柳菀贞苦笑道:“谁说不是。家父为了脸面,死活都要撑下去。不过这几天我也在想,如果一直亏本,还不如转行经营其他买卖。但这铺子又不能移动,到这条街的人都是冲着绸缎布匹而来,换做其他买卖,只怕情况会更糟糕。”
“说一千道一万,没有客人,生意无论如何也起不来。”魏长乐道:“所以要想生意好转,第一步是让客人走进咱们布庄。进了布庄他们才有可能买,只要咱们的质量不差,客人觉得可以,那生意也就来了。”
“最难的就是这样。”柳菀贞道:“瑞祥布庄在这条街已经有了名气,反倒是我们这种布庄,知道的人没有几个。吸引客人走进铺子,咱们总不能在门口敲锣打鼓吧?”

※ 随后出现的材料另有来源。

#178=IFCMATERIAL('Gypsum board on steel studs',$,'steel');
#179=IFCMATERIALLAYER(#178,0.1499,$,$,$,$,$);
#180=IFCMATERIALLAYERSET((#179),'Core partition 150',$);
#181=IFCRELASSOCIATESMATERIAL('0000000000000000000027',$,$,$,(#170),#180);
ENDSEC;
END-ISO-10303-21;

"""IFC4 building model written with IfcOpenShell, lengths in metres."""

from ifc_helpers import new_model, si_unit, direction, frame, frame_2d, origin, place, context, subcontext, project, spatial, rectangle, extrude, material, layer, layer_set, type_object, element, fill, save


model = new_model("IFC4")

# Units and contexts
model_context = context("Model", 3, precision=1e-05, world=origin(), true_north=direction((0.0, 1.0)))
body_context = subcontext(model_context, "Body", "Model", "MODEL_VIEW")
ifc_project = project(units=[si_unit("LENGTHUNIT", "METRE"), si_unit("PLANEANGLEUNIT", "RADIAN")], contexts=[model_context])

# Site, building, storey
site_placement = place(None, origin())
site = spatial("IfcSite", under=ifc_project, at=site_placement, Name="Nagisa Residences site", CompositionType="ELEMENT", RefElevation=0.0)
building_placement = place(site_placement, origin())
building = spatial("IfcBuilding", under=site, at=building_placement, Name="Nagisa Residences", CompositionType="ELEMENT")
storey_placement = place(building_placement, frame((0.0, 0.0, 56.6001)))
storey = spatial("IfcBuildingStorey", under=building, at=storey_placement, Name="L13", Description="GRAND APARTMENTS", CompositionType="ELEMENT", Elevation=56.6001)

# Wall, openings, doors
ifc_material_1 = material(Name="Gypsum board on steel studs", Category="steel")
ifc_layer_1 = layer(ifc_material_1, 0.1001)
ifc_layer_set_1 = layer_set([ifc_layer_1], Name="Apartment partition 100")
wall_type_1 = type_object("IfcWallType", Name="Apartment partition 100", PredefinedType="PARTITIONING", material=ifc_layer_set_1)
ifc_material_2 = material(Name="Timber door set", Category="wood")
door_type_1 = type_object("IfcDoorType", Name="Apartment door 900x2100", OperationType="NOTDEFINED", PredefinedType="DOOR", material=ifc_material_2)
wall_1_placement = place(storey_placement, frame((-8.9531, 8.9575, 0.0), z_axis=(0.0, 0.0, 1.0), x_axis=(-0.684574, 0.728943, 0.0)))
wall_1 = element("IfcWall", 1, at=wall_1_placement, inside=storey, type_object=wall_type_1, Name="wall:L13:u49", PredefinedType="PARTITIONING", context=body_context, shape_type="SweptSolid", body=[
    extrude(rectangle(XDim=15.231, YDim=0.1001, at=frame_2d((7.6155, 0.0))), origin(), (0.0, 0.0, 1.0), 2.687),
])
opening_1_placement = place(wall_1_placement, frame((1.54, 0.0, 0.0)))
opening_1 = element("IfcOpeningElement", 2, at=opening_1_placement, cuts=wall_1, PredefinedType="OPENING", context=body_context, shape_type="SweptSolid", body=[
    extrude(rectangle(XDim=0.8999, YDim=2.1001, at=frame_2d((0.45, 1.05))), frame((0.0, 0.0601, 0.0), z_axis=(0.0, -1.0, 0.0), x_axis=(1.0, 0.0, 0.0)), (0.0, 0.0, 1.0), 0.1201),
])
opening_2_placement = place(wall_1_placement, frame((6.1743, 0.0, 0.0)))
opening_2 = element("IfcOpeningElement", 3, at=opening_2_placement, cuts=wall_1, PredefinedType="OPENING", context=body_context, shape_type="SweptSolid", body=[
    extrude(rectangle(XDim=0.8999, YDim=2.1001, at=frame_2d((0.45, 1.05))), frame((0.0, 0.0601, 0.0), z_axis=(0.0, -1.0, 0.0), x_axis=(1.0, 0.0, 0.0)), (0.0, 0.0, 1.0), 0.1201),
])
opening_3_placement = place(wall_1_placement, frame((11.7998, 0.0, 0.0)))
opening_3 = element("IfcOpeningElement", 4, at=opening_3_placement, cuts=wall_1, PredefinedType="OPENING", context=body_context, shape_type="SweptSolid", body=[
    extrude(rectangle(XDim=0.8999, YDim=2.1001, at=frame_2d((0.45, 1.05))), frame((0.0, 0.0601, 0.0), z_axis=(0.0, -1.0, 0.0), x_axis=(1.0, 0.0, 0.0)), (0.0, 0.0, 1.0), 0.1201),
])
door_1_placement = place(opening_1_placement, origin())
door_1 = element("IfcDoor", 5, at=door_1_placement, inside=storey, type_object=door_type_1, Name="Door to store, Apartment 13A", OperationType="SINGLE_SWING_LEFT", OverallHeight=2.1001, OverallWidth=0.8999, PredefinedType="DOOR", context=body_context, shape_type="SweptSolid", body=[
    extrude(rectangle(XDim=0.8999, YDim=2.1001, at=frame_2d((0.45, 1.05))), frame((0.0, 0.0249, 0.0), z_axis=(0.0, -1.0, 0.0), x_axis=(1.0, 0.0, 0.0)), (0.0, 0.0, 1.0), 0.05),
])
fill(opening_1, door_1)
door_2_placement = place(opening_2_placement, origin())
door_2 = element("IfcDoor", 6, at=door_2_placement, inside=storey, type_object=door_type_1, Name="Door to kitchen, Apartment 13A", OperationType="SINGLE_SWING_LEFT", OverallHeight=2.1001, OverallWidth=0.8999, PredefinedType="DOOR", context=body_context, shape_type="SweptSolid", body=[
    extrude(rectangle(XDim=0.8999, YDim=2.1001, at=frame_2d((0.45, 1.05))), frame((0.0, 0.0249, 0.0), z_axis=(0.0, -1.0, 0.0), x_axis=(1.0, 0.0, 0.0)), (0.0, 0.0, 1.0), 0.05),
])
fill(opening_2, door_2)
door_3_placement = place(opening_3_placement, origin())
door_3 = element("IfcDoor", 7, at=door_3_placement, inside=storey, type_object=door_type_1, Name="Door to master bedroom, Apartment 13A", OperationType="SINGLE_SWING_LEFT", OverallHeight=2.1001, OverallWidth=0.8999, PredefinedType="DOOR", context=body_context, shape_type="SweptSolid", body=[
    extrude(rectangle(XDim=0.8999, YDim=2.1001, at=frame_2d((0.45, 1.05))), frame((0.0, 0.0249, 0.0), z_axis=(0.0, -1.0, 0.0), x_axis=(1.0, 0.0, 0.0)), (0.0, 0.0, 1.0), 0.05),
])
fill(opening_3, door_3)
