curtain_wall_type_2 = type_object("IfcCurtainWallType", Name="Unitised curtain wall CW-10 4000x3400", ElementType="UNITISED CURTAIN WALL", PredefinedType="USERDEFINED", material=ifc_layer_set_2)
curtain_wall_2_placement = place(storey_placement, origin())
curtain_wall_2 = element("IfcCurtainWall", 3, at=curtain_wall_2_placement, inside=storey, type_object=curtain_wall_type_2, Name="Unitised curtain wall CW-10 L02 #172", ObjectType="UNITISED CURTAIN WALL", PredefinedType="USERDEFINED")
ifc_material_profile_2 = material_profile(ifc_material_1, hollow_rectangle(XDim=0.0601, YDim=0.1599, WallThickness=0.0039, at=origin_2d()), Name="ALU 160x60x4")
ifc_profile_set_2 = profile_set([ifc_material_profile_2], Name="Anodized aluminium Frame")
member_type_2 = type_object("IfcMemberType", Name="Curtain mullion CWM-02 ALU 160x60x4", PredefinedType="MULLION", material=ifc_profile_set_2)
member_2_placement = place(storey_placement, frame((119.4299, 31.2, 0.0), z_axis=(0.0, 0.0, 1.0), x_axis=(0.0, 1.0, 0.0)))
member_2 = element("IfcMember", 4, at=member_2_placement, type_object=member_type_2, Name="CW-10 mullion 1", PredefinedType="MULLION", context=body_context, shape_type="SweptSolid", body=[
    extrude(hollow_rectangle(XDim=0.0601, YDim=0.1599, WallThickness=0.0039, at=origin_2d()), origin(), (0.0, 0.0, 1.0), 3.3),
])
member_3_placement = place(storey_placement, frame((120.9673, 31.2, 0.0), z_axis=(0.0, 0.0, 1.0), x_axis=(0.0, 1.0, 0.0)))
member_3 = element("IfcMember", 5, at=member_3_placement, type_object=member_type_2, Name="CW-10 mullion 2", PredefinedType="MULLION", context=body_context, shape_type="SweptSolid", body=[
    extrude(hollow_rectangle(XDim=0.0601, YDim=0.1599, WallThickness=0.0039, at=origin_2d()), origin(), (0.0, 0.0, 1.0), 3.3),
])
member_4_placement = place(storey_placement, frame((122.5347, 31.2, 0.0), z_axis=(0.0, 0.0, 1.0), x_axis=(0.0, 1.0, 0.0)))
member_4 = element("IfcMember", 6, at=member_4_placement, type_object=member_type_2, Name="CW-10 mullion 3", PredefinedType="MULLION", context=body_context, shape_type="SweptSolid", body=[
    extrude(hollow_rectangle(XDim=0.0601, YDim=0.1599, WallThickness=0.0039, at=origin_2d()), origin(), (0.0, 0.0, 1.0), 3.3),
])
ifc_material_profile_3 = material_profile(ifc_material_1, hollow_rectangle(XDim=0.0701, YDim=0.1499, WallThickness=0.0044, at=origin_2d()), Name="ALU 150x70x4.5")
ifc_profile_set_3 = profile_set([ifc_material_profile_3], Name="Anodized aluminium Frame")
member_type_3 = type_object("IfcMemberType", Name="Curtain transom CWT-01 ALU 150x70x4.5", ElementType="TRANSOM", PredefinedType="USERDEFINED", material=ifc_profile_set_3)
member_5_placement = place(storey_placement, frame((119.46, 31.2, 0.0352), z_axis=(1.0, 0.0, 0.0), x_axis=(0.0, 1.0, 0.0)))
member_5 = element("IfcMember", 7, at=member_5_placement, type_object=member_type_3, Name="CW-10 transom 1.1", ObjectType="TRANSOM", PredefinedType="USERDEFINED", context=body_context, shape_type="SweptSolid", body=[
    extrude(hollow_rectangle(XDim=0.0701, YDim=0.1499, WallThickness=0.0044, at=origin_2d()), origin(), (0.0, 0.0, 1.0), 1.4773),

魏长乐哈哈笑道:“你说对了,这敲锣打鼓也必不可少,但只是辅助手段。”
“你.....什么意思?”柳菀贞疑惑道。
魏长乐正色道:“要想将瑞祥布庄搞垮,咱们当然不能杀人放火.....!”话一出口,想到自己刚刚放过一把火,呵呵一笑,继续道:“咱们不能杀人,只要他们不死,周家就一定会继续留在靖安街。既然都是生意人,咱们就要在生意上彻底将周家击垮。”
柳菀贞一双迷人的眼眸盯着魏长乐。
柳家布庄能够在靖安街维持下去就不容易,竟然还想着击垮瑞祥布庄,实在是匪夷所思。
如果是别人说这话,柳菀贞只会觉得是痴人说梦话。
但这话出自魏长乐之口,美少妇却并不觉得是胡言乱语。
“长乐,你......!”
“姐,你去给我拿纸笔来!”魏长乐道:“如果你信得过我,咱们从现在开始,就准备振兴柳家布庄,让你踏上大梁第一女富商的道路!”
柳菀贞莞尔一笑,心中却好奇这年轻人又要玩什么花样。